There is something to laugh about the "modernisation" suggestion itself. We presume that by providing madarsas with technical education and computers, we can modernise them. We are actually providing them modern tools to extend their medieval mindset in the 21st century and adding a multiplier to their destructive potential. In fact, Osama bin Laden was one of the first to use geostationary global satellite telephony in 1998 to communicate with his network. An engineering degree from Britain proved no deterrent for him to subscribe to medievalism.

Jeffery Goldberg of The New York Times, who visited Haqqannia madarsa in NWFP of Pakistan in May 2000, termed it as a "jihad factory." Omar Sheikh (an accused in Daniel Pearl murder case) had attended London School of Economics.

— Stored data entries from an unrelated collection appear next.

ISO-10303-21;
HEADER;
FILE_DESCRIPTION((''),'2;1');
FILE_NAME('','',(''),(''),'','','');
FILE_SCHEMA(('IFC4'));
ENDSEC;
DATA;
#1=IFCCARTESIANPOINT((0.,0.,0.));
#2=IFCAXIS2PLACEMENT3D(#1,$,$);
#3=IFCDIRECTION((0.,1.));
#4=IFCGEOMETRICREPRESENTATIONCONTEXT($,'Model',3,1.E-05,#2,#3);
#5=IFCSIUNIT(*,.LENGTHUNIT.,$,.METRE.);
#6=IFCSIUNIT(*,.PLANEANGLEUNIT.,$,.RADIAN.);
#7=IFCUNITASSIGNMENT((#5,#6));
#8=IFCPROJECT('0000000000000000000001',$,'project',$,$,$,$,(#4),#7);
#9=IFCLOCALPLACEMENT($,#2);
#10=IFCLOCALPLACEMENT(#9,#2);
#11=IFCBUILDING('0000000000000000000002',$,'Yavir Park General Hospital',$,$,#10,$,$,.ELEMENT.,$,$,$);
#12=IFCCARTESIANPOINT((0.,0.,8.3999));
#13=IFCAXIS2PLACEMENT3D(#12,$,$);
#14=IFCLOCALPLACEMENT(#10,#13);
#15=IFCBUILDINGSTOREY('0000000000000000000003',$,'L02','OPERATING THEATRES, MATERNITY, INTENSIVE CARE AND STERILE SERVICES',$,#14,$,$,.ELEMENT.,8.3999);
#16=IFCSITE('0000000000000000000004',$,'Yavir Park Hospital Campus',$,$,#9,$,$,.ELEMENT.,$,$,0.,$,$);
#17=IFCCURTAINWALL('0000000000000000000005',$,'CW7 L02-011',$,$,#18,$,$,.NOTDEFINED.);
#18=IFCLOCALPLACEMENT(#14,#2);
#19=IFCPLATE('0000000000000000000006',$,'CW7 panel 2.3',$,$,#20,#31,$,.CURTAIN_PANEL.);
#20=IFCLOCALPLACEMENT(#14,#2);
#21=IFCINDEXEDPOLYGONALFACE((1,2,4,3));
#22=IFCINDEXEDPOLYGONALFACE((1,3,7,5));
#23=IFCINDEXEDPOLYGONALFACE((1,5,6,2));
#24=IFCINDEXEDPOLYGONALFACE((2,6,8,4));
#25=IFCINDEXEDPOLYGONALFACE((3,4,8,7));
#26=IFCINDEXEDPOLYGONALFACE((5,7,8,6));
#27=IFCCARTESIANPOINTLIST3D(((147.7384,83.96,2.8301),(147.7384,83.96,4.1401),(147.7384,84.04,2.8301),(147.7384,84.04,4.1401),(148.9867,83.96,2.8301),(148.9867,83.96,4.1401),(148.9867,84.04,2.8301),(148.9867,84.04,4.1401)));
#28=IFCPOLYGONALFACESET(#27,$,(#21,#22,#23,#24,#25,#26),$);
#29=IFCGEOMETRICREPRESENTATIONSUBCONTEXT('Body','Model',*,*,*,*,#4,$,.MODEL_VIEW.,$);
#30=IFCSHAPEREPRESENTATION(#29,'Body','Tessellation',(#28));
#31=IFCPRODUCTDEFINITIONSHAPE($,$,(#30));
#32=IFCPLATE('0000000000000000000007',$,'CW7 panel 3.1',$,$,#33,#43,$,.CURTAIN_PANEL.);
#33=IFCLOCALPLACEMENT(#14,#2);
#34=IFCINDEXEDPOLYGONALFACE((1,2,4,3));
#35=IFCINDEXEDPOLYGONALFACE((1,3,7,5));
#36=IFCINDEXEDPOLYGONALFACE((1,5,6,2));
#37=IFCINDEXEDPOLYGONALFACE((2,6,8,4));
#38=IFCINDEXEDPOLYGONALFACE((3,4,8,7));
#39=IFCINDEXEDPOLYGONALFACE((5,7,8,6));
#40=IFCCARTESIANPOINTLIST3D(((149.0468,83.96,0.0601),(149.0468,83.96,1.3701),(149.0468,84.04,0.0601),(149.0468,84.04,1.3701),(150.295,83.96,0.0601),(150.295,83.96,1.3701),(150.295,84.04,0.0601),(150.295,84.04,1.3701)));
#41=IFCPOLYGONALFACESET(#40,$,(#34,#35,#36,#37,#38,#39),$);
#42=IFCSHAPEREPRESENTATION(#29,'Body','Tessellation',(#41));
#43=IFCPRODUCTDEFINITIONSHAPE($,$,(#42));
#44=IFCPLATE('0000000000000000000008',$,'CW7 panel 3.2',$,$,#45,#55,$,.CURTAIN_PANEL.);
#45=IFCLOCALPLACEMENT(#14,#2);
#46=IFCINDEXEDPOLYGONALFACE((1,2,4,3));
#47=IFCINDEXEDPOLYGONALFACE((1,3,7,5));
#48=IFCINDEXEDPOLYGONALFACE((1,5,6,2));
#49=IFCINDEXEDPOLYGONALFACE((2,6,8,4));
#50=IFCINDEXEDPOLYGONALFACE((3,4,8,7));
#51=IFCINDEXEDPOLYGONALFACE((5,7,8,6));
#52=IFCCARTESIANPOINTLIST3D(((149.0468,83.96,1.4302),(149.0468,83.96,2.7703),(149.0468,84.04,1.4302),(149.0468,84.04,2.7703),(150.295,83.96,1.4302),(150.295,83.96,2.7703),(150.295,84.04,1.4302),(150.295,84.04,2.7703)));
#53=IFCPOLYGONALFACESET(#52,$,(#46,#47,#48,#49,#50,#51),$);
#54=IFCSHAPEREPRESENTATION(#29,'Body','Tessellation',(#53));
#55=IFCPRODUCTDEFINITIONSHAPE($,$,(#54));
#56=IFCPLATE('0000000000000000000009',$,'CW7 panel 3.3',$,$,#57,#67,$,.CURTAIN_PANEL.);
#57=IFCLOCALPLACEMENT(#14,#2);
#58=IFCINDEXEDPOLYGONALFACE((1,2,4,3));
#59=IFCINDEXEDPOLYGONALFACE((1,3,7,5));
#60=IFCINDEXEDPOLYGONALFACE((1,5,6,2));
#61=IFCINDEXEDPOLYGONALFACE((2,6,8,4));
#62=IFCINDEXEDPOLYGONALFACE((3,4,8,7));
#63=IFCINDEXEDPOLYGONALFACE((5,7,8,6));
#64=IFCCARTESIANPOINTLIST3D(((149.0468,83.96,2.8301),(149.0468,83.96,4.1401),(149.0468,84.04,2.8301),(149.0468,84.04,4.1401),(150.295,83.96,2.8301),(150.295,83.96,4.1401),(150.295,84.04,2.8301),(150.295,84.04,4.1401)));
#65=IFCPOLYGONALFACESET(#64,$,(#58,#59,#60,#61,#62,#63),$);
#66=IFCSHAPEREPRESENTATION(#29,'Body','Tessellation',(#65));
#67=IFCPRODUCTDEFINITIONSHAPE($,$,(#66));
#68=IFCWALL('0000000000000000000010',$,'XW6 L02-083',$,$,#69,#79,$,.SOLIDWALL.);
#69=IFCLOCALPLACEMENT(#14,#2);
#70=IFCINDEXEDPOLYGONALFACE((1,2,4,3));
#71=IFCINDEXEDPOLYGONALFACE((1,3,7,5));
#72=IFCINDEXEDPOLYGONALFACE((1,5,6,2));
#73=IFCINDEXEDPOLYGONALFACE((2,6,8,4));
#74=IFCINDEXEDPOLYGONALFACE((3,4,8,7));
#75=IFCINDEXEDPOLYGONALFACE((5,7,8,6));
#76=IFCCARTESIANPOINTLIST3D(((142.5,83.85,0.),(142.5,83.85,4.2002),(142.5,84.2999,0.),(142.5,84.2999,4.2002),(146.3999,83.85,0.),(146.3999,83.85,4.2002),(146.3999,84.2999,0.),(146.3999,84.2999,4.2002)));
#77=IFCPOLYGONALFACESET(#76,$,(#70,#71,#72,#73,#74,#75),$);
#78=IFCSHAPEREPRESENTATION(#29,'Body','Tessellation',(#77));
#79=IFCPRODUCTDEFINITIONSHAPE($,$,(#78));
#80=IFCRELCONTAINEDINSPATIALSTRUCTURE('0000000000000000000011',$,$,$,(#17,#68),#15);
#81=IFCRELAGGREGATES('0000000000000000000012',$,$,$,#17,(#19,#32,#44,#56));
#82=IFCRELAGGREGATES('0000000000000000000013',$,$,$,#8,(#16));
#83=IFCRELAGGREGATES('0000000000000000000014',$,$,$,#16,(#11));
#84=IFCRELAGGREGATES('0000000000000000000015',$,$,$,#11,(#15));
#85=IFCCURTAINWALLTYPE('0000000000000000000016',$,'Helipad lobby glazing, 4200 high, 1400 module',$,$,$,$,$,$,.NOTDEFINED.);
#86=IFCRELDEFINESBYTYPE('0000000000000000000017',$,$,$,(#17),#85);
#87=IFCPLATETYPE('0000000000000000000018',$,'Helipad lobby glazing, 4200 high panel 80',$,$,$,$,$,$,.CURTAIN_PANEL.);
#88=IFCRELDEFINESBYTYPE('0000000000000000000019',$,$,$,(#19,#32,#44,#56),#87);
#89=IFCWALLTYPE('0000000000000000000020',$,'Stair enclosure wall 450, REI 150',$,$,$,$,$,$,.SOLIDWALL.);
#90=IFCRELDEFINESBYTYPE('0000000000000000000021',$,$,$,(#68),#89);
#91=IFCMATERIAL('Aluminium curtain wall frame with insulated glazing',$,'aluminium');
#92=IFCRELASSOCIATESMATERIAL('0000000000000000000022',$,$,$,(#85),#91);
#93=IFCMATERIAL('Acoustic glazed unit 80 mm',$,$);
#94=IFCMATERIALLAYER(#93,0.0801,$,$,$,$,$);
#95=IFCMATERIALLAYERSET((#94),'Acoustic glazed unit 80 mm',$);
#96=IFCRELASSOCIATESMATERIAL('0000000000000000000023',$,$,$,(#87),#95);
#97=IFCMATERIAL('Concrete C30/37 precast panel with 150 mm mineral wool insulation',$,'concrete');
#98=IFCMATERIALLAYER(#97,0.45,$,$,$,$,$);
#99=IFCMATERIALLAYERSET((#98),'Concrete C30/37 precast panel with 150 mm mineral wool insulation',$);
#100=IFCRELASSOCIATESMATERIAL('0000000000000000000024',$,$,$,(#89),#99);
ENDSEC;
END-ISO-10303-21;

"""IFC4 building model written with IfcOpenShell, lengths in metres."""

from ifc_helpers import new_model, si_unit, direction, frame, frame_2d, origin, origin_2d, place, context, subcontext, project, spatial, rectangle, extrude, material, layer, layer_set, type_object, element, aggregate, save


model = new_model("IFC4")

# Units and contexts
model_context = context("Model", 3, precision=1e-05, world=origin(), true_north=direction((0.0, 1.0)))
body_context = subcontext(model_context, "Body", "Model", "MODEL_VIEW")
ifc_project = project(units=[si_unit("LENGTHUNIT", "METRE"), si_unit("PLANEANGLEUNIT", "RADIAN")], contexts=[model_context])

# Site, building, storey
site_placement = place(None, origin())
site = spatial("IfcSite", under=ifc_project, at=site_placement, Name="Yavir Park Hospital Campus", CompositionType="ELEMENT", RefElevation=0.0)
building_placement = place(site_placement, origin())
building = spatial("IfcBuilding", under=site, at=building_placement, Name="Yavir Park General Hospital", CompositionType="ELEMENT")
storey_placement = place(building_placement, frame((0.0, 0.0, 8.3999)))
storey = spatial("IfcBuildingStorey", under=building, at=storey_placement, Name="L02", Description="OPERATING THEATRES, MATERNITY, INTENSIVE CARE AND STERILE SERVICES", CompositionType="ELEMENT", Elevation=8.3999)

# Curtain wall, plates
ifc_material_1 = material(Name="Aluminium curtain wall frame with insulated glazing", Category="aluminium")
curtain_wall_type = type_object("IfcCurtainWallType", Name="Helipad lobby glazing, 4200 high, 1400 module", PredefinedType="NOTDEFINED", material=ifc_material_1)
curtain_wall_placement = place(storey_placement, origin())
curtain_wall = element("IfcCurtainWall", 1, at=curtain_wall_placement, inside=storey, type_object=curtain_wall_type, Name="CW7 L02-011", PredefinedType="NOTDEFINED")
ifc_material_2 = material(Name="Acoustic glazed unit 80 mm")
ifc_layer_1 = layer(ifc_material_2, 0.0801)
ifc_layer_set_1 = layer_set([ifc_layer_1], Name="Acoustic glazed unit 80 mm")
plate_type = type_object("IfcPlateType", Name="Helipad lobby glazing, 4200 high panel 80", PredefinedType="CURTAIN_PANEL", material=ifc_layer_set_1)
plate_1_placement = place(storey_placement, frame((148.3625, 84.0, 2.8301), z_axis=(0.0, 0.0, 1.0), x_axis=(1.0, 0.0, 0.0)))
plate_1 = element("IfcPlate", 2, at=plate_1_placement, type_object=plate_type, Name="CW7 panel 2.3", PredefinedType="CURTAIN_PANEL", context=body_context, shape_type="SweptSolid", body=[
    extrude(rectangle(XDim=1.2483, YDim=0.0801, at=origin_2d()), origin(), (0.0, 0.0, 1.0), 1.3101),
])
plate_2_placement = place(storey_placement, frame((149.6709, 84.0, 0.0601), z_axis=(0.0, 0.0, 1.0), x_axis=(1.0, 0.0, 0.0)))
plate_2 = element("IfcPlate", 3, at=plate_2_placement, type_object=plate_type, Name="CW7 panel 3.1", PredefinedType="CURTAIN_PANEL", context=body_context, shape_type="SweptSolid", body=[
    extrude(rectangle(XDim=1.2483, YDim=0.0801, at=origin_2d()), origin(), (0.0, 0.0, 1.0), 1.3101),
])
plate_3_placement = place(storey_placement, frame((149.6709, 84.0, 1.4302), z_axis=(0.0, 0.0, 1.0), x_axis=(1.0, 0.0, 0.0)))
plate_3 = element("IfcPlate", 4, at=plate_3_placement, type_object=plate_type, Name="CW7 panel 3.2", PredefinedType="CURTAIN_PANEL", context=body_context, shape_type="SweptSolid", body=[
    extrude(rectangle(XDim=1.2483, YDim=0.0801, at=origin_2d()), origin(), (0.0, 0.0, 1.0), 1.3401),
])
plate_4_placement = place(storey_placement, frame((149.6709, 84.0, 2.8301), z_axis=(0.0, 0.0, 1.0), x_axis=(1.0, 0.0, 0.0)))
plate_4 = element("IfcPlate", 5, at=plate_4_placement, type_object=plate_type, Name="CW7 panel 3.3", PredefinedType="CURTAIN_PANEL", context=body_context, shape_type="SweptSolid", body=[
    extrude(rectangle(XDim=1.2483, YDim=0.0801, at=origin_2d()), origin(), (0.0, 0.0, 1.0), 1.3101),
])
aggregate(curtain_wall, [plate_1, plate_2, plate_3, plate_4])

# Wall
ifc_material_3 = material(Name="Concrete C30/37 precast panel with 150 mm mineral wool insulation", Category="concrete")
ifc_layer_2 = layer(ifc_material_3, 0.45)
ifc_layer_set_2 = layer_set([ifc_layer_2], Name="Concrete C30/37 precast panel with 150 mm mineral wool insulation")
wall_type = type_object("IfcWallType", Name="Stair enclosure wall 450, REI 150", PredefinedType="SOLIDWALL", material=ifc_layer_set_2)
wall_placement = place(storey_placement, frame((142.5, 84.075, 0.0), z_axis=(0.0, 0.0, 1.0), x_axis=(1.0, 0.0, 0.0)))
element("IfcWall", 6, at=wall_placement, inside=storey, type_object=wall_type, Name="XW6 L02-083", PredefinedType="SOLIDWALL", context=body_context, shape_type="SweptSolid", body=[
    extrude(rectangle(XDim=3.8999, YDim=0.45, at=frame_2d((1.95, 0.0))), origin(), (0.0, 0.0, 1.0), 4.2002),
])

save(model, "model.ifc")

Mohammad Atta, who carried out the first attack on World Trade Centre on September 11, was trained as an architect in Hamburg. Several nuclear scientists from Pakistan were amongst die-hard Osama admirers.

Whether or not you teach mathematics and sciences in these institutions, it hardly makes any difference when their specific purpose is not to educate but to indoctrinate. So the mindset that emerges from them is the same, irrespective of adding some mathematics to the syllabus. That is because, as several analysts have pointed out (including Harvard researcher Jessica Stern in Foreign Affairs, a highly respected journal, in November-December 2000), central to the madarsa teaching is the invincibility of Islam, the justification of killing and terror as means of imposing any arbitrary action in the name of religion. They implant a sense of universal grievance against non-Islamic countries and nations that resurfaced with the decline in Islamic hegemony represented by Turkish Ottoman Empire and Mughal rule in India between 16 to mid-20th centuries, aided by the rise of Western powers.

Going by madarsa logic, the British, while leaving India, should have handed back power to the Muslims since they had wrested it from the Mughals. The reality though is that they took it from Marathas who had brought the last of the Mughal kings under their protection, Nawabs of Oudh and several others as a paramount authority in India had declined by 18th century. A heady mixture is created for a community already enraged by self-imposed isolation, ghetto type living, and nurturing a strong sense of grievance against anyone and everyone.

In such an environment, they are "reminded" of their historic destiny and religious duty to forcibly impose their own world-view on the entire humanity, including some Islamic countries. This forms an ideological substratum, the most explosive stuff to blow up the rest of the world. Against this backdrop, what can introduction of modern technology in madarsas achieve? It can surely help them change their appearance but not their mindset. This mindset is responsible for most of the global terrorist activities - from the attack on the World Trade Centre in the US on September 11 to the storming of Indian Parliament on December 13. The slain American journalist Daniel Pearl is the most recent victim of this mindset.